Sunday, April 17, 2005

Think

In today's New York Times, Barbara Whitaker writes about the first results from the new and improved Scholastic Aptitude Test, administered by the College Board in the United States. Until recently, the SAT consisted of two equal parts: reading and math. Each section, scored out of a possible 800 points and graded electronically, was worth 800 points. The new portion, blogging writing, is also scored out of 800, and includes an essay worth 25% of one's final score.

Whitaker, I think, makes too much of a deal about the newness of the SAT - students who took it seem to be unimpressed with the notion that the writing component was being administered for the first on them. (So much for progress, I suppose.) Presumably, Kaplan and all those other SAT consultants will require a couple of more years to fine-tune their preparatory materials. In the meantime, a whole bunch of not-quite-college-bound students decided to use the good ol' five-paragraph essay format (Kevin Drum gives it the treatment it deserves here) to guarantee a spot in the mediocre middle. Let's also presume that this group of students overlaps considerably with what can only be another bloated bunch who share the thoughts of one Anya Kanflo, who told Whitaker, "It's difficult to know how they graded the essay, since it's the only part of the test not done through a machine.... There's always going to be a certain amount of bias on the part of the grader, even though there are two readers." (For the record, Anya supports the new section of the test: "You can't fake good writing. If you can't write a complete sentence, that's going to show, and I think that's a good thing for colleges to know." She scored a 9/12 on her essay.)

On the whole, the addition of a writing component to the SAT probably does more good than harm. Yes, enormous swaths of the high school student population might wind up revealing their inadequate writing skills. And yes, certain college programs - and, by extension, careers - require little in the way of decent prose. However, it's not too much of a stretch to imagine one of the new SAT's residual effects being the recognition that the ability to write reasonably well is undervalued and underappreciated, often only recognized when it's absent. If the SAT inspires young people (and their parents) to want to learn how to write, and forces teachers to dedicate already scarce time and resources to teach them, the Board should declare victory and go home.

***

There are certainly those who see the latest evolution of the SAT as another chapter in an already too controversial history. Almost since its introduction, the SAT has been accused of making higher education - and social mobility - out of the reach of those who need it the most. For many Americans who saw in a post-secondary system endless opportunity for all children - black or white, rich or poor - the SAT did nothing but institutionalize an inequitable pecking order. While the question of access to education in Canada tends to focus on family income and the idea of the first-generation student (whose parents never went to college or university), the language and politics of higher studies in the United States is shrouded in the culture of racial awareness. Talk of Affirmative Action, quotas and the Supreme Court is heavily weighted in deeply personal feelings of an individual's identity within his own community and the greater America.
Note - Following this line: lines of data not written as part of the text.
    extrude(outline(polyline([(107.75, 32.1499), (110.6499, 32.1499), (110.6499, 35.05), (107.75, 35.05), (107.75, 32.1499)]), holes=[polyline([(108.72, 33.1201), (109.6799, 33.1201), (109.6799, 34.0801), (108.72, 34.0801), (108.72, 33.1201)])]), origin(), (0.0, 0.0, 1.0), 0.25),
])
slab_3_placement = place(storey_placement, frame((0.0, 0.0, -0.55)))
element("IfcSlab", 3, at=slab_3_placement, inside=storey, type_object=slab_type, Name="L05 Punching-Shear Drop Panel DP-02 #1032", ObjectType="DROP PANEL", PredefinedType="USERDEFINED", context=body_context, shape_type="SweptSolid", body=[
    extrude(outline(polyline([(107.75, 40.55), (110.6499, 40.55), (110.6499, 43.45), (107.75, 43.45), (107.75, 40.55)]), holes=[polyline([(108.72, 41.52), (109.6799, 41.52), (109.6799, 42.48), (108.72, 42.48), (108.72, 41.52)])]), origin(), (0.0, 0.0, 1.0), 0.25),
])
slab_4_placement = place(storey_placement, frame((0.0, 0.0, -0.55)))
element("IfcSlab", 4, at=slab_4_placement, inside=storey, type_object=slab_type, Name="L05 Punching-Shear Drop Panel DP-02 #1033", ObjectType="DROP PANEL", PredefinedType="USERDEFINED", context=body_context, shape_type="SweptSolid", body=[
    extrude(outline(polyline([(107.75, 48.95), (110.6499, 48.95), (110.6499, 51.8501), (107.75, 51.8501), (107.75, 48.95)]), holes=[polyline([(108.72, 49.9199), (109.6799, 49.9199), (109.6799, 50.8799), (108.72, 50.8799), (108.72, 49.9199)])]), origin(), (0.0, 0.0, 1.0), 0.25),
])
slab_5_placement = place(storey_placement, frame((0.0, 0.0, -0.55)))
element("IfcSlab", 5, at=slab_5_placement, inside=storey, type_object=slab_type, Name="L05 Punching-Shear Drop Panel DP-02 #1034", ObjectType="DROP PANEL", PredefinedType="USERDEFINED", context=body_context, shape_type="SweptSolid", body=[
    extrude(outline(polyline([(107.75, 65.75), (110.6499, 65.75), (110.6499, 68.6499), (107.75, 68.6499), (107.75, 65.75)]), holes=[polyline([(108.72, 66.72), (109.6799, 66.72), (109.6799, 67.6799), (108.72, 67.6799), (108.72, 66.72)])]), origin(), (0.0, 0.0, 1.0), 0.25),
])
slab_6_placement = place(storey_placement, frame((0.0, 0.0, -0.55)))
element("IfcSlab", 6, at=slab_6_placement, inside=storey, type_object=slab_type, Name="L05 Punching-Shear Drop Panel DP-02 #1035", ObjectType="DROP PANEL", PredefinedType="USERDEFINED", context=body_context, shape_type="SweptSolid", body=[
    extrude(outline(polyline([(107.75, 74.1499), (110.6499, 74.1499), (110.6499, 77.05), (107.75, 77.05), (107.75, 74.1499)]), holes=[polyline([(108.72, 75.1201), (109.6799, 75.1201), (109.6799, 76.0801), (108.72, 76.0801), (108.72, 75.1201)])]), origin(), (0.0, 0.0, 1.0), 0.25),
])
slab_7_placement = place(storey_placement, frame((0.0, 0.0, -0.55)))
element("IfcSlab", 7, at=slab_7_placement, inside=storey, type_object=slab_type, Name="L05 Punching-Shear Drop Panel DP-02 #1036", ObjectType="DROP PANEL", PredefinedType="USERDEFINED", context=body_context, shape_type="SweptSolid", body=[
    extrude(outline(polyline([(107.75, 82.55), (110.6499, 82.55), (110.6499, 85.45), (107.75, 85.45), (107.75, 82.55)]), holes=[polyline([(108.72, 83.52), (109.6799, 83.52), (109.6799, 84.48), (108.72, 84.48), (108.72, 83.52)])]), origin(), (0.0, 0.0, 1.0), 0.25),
In his wonderful book, The Big Test: The Secret History of the American Meritocracy, New Yorker writer and Columbia Journalism Dean Nicholas Lemann (who authored a brilliant profile of Karl Rove available here) chronicles the development of the SAT. In mid-century America, men like Henry Chauncey and James Bryant Conant, empowered by the new science of intelligence testing and a super-secretive organization called the Educational Testing Service, looked to the future, realized that the continued success of American society would depend on the careful stewardship of its institutions, and came up with a plan. The SAT, a test designed to accurately predict who would and would not succeed at college, would allow those who deserved it to assume positions of great responsibility - running the organizations and agenices that would keep America strong. (It's important to underscore the goal of the SAT. As a scientific test, it sought to provide its takers with scores that would correlate with their first-year college grades - not to test nascent ability, though the distinction remains contentious.)

In short, the founders sought to nurture, if not outright create, a large bureaucratic class based on nothing short of absolute merit.

Lemann's account of the devoutness with which the founders of the SAT brought to their work is deeply moving. A small group of men, inspired by those who came before them, sought to eliminate a class system (that handed down wealth, responsibility and power from one generation to another without regard to ability) with a mobile, fluid structure designed to enable progress, not entrench luck. Lemann details the rise and fall of Affirmative Action, and reluctantly dismisses the dream of the SAT's founders ("you can't undermine social rank by setting up an elaborate process of ranking"). With a heavy heart, he acknowledges that standardized intelligence testing has done little more than replace one imperfect system with another.

If an equitable and equal division of wealth, responsibility and power were supposed to be the byproducts of the SAT, they have proven terribly elusive. Assessed on its face, it's easy to see why testing late teenagers may do little more than rubber stamp the pathways they're already on. After all, the horizons of our lives are not set at eighteen - they're set during childhood. The dream of Bryant and Chauncey was decent, respectable - to encourage the development of a society that can be left in the capable hands of a dedicated class - think of the Biblical Levites or Plato's Philosopher Kings. However, concentrating opportunity on a precious few doesn't fit with modern notions of equality and egalitarianism. In our day and age, we must raise the tide, so that all boats may be lifted.